Reviewed by Dennis Schwartz
This is the auspicious directorial debut of Sri Lanka filmmaker Vimukthi Jayasundara, who shows a terrific command of film technique and paints his film in stunningly sharp artificial colors that are attention getting–to say the least. The 27-year-old director currently lives in Paris, where he studied film and mentioned in interviews that he was influenced by European classics and celebrated Sri Lankan filmmaker auteur Lester James Peries. His touching and poignant minimalist poetical mood film won the Camera d’Or at the Cannes Film Festival. It reminded me in its reliance on visuals of Andrei Tarkovsky’s Ivan’s Childhood, as both tell their psychological war casualty story not through words but mostly through powerful imagery. Jayasundara paints a horrifying picture of what long wars do to people’s souls, as it’s set in Sri Lanka’s remote wind-swept palm tree-lined sea coast following twenty-plus years of a civil war between the Sinhalese government and the Liberation Tigers of Tamil Eelam. The postwar-trauma film is not that good on articulated explanations but good at describing the uneasy cease-fire treaty that exists for a group of troubled people who live in the war-torn hinterlands, far from any city, in an unnamed no-man’s land and are suffering from battered souls. Because of all the past conflict, they find themselves doing odd things as their frustration builds till it reaches a breaking point. The Sri Lanka army patrols the area from their nearby camp and its mission is to see to it that the peace is kept.
The quiet Anura is a serviceman who does guard duty days and shares his humble home, complete with an outhouse, with his sensuous unfaithful restless wife Lata and his watchful older unmarried devout Buddhist sister Soma. Wife and sister do not like each other, as the sister contemplates applying for a teaching job in another area to get away from this tense scene. Anura is relieved of guard duty at night by an older man named Piyasiri who, on one fateful day, lets on to the little girl Batti he is coming on to things about his painful past that still trouble him. The old man couches the story like it’s a children’s fairy tale.
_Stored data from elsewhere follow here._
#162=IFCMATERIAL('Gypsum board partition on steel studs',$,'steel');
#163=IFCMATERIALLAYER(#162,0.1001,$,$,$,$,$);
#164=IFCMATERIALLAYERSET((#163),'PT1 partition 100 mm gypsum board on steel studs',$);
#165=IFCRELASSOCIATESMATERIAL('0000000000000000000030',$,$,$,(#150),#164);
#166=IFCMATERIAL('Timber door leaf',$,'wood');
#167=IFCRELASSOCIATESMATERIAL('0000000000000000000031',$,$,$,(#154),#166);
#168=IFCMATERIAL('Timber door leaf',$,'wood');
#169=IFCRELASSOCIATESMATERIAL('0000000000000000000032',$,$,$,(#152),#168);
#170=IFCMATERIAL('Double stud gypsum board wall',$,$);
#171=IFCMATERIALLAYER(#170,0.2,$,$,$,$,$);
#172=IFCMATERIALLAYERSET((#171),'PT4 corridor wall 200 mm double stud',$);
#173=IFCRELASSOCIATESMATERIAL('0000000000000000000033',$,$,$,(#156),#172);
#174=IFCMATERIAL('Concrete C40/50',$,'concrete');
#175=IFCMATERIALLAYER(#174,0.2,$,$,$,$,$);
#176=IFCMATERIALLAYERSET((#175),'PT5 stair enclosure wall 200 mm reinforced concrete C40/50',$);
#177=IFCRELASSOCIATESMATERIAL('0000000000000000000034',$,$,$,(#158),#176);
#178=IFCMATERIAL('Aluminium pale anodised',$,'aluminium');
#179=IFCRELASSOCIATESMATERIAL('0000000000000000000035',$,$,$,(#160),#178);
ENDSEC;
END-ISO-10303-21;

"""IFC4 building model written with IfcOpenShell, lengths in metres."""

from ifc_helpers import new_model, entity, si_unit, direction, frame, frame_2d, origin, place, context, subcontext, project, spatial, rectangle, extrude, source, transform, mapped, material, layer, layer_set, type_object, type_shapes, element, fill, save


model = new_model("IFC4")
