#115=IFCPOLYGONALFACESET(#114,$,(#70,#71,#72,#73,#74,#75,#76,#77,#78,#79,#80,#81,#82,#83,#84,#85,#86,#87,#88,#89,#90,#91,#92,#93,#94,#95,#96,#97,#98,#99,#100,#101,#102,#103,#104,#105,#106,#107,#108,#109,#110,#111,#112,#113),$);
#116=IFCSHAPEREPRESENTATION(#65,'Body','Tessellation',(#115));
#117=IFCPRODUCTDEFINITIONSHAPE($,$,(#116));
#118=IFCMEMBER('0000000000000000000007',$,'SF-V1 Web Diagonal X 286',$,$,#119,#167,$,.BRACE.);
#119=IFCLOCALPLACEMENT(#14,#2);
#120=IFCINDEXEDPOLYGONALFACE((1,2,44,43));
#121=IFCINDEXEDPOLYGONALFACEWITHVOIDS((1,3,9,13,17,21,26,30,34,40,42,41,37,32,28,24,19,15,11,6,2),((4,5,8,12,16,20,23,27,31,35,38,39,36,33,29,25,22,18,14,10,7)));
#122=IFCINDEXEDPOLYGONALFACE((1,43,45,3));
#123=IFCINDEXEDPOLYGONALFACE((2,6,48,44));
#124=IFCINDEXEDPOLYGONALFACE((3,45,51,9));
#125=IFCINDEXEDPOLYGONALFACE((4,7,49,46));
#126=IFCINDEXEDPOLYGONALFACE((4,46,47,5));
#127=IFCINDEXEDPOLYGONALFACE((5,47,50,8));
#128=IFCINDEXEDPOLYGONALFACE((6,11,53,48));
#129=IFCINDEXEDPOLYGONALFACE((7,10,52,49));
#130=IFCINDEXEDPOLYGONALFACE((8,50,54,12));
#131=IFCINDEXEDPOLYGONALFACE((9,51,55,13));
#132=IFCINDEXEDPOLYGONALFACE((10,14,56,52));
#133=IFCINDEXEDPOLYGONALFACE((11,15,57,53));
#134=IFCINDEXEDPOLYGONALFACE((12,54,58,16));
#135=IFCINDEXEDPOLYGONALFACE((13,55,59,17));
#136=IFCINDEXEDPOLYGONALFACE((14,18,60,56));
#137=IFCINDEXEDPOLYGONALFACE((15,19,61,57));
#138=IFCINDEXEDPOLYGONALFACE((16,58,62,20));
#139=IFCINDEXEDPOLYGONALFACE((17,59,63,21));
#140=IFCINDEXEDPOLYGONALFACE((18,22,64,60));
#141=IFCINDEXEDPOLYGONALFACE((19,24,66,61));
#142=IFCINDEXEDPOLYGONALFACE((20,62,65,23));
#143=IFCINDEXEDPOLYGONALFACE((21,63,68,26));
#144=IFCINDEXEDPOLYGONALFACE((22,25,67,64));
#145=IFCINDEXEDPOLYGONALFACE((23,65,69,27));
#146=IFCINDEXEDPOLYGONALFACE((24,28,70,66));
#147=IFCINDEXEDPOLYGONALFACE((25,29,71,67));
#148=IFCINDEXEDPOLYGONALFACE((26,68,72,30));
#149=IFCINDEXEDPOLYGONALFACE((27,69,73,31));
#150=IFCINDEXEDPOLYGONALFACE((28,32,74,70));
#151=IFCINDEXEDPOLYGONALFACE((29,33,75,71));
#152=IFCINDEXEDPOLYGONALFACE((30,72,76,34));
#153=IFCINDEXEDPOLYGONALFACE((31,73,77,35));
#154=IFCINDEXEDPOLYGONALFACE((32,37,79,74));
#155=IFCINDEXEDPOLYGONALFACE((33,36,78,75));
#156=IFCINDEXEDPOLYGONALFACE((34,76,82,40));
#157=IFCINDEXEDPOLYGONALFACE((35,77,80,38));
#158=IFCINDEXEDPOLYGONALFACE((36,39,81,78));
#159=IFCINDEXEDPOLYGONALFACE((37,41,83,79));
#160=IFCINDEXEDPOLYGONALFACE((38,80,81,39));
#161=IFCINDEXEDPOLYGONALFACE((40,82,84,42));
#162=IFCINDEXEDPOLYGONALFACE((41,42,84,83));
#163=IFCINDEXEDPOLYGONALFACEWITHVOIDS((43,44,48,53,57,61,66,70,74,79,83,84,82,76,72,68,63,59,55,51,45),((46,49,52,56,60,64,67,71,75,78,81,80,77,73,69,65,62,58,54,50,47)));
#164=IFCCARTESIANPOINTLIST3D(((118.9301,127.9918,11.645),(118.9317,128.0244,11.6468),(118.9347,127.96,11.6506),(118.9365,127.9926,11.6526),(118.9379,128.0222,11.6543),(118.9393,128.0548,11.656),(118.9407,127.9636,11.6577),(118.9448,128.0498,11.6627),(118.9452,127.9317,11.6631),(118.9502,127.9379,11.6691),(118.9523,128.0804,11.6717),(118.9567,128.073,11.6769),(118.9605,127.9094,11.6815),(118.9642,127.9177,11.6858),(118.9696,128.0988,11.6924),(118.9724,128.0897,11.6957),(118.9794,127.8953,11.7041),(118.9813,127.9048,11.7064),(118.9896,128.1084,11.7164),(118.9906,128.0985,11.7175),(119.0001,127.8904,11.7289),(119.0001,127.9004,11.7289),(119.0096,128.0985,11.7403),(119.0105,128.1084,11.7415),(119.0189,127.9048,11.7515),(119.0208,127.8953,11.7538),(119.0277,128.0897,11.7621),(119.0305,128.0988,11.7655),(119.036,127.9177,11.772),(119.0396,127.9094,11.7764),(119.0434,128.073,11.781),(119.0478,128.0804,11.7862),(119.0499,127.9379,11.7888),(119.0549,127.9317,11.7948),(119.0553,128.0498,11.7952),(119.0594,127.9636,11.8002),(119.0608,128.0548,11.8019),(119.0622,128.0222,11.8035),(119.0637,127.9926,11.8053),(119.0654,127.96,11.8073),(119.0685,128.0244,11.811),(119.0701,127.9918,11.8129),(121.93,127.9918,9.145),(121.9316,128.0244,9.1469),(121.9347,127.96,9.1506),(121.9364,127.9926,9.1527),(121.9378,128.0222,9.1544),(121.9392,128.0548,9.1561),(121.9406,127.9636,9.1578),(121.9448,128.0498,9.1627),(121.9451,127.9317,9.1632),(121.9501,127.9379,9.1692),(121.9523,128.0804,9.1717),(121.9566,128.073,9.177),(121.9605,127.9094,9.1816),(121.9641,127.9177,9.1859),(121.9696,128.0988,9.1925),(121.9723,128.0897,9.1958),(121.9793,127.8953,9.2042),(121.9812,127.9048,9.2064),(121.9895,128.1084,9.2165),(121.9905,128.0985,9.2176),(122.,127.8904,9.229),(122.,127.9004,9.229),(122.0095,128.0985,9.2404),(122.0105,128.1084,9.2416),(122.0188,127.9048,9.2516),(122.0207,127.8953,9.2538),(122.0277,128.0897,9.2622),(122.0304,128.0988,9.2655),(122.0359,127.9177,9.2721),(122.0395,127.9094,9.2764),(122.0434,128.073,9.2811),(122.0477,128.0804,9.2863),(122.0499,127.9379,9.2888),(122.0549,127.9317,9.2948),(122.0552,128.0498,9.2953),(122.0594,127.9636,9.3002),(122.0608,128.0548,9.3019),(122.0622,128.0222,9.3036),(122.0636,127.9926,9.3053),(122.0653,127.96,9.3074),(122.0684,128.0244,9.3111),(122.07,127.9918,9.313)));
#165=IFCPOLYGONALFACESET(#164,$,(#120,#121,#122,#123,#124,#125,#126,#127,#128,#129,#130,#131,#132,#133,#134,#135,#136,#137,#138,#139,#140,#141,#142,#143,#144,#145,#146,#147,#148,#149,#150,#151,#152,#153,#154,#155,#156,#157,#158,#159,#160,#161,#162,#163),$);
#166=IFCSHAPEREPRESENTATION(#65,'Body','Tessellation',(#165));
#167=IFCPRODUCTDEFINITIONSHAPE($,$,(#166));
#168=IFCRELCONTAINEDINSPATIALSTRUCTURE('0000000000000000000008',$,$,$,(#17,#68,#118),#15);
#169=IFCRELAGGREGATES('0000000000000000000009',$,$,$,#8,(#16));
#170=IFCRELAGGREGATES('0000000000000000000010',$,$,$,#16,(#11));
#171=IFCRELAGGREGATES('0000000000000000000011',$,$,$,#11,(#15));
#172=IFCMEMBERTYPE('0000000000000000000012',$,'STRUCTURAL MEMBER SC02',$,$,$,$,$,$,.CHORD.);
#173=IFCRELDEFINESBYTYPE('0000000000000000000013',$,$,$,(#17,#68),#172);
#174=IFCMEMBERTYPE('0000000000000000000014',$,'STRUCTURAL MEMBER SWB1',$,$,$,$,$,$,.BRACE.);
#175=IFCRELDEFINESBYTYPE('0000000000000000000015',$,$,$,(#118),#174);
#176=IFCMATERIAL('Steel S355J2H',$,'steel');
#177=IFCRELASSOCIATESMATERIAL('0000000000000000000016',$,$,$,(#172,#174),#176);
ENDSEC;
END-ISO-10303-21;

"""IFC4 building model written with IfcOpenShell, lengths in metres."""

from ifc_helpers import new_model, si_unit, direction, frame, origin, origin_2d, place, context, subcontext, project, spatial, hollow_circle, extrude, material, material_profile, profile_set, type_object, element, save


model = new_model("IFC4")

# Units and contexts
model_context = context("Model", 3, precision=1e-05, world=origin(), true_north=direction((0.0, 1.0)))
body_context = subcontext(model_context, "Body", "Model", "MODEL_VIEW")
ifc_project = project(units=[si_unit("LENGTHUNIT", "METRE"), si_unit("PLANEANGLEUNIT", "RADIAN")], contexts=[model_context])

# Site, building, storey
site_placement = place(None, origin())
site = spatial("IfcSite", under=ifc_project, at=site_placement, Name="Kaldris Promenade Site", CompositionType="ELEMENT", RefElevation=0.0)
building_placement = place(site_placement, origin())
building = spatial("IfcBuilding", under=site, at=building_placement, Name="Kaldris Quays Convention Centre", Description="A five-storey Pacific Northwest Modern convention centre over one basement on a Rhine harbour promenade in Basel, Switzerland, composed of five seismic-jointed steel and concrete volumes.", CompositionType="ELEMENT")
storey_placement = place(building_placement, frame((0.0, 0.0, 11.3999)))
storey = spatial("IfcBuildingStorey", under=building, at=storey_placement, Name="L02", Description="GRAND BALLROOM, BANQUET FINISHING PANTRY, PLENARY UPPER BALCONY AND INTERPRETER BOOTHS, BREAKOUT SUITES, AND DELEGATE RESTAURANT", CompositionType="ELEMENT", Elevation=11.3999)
Batti is the child of Anuri’s neighbor and enjoys being around the warm but brooding Soma, and soberly asks the respected elder if she will live to see adulthood. During that same day Lata is observed in bed by Soma with one of the soldiers from the nearby camp, and later that evening Anura is called out by the army to perform the brutal task of beating an unidentified stranger strapped inside a sack to death with a club. A duty performed under force that will leave him compromised morally for the rest of his life.
It’s a haunting tale that is affecting and has been well-received in its limited showing to foreign audiences. At home, the Sri Lankan military officials repudiated the film as merely propaganda for the rebel Tamil Tigers.
REVIEWED ON 8/31/2008 GRADE: B
Dennis Schwartz: “Ozus’ World Movie Reviews”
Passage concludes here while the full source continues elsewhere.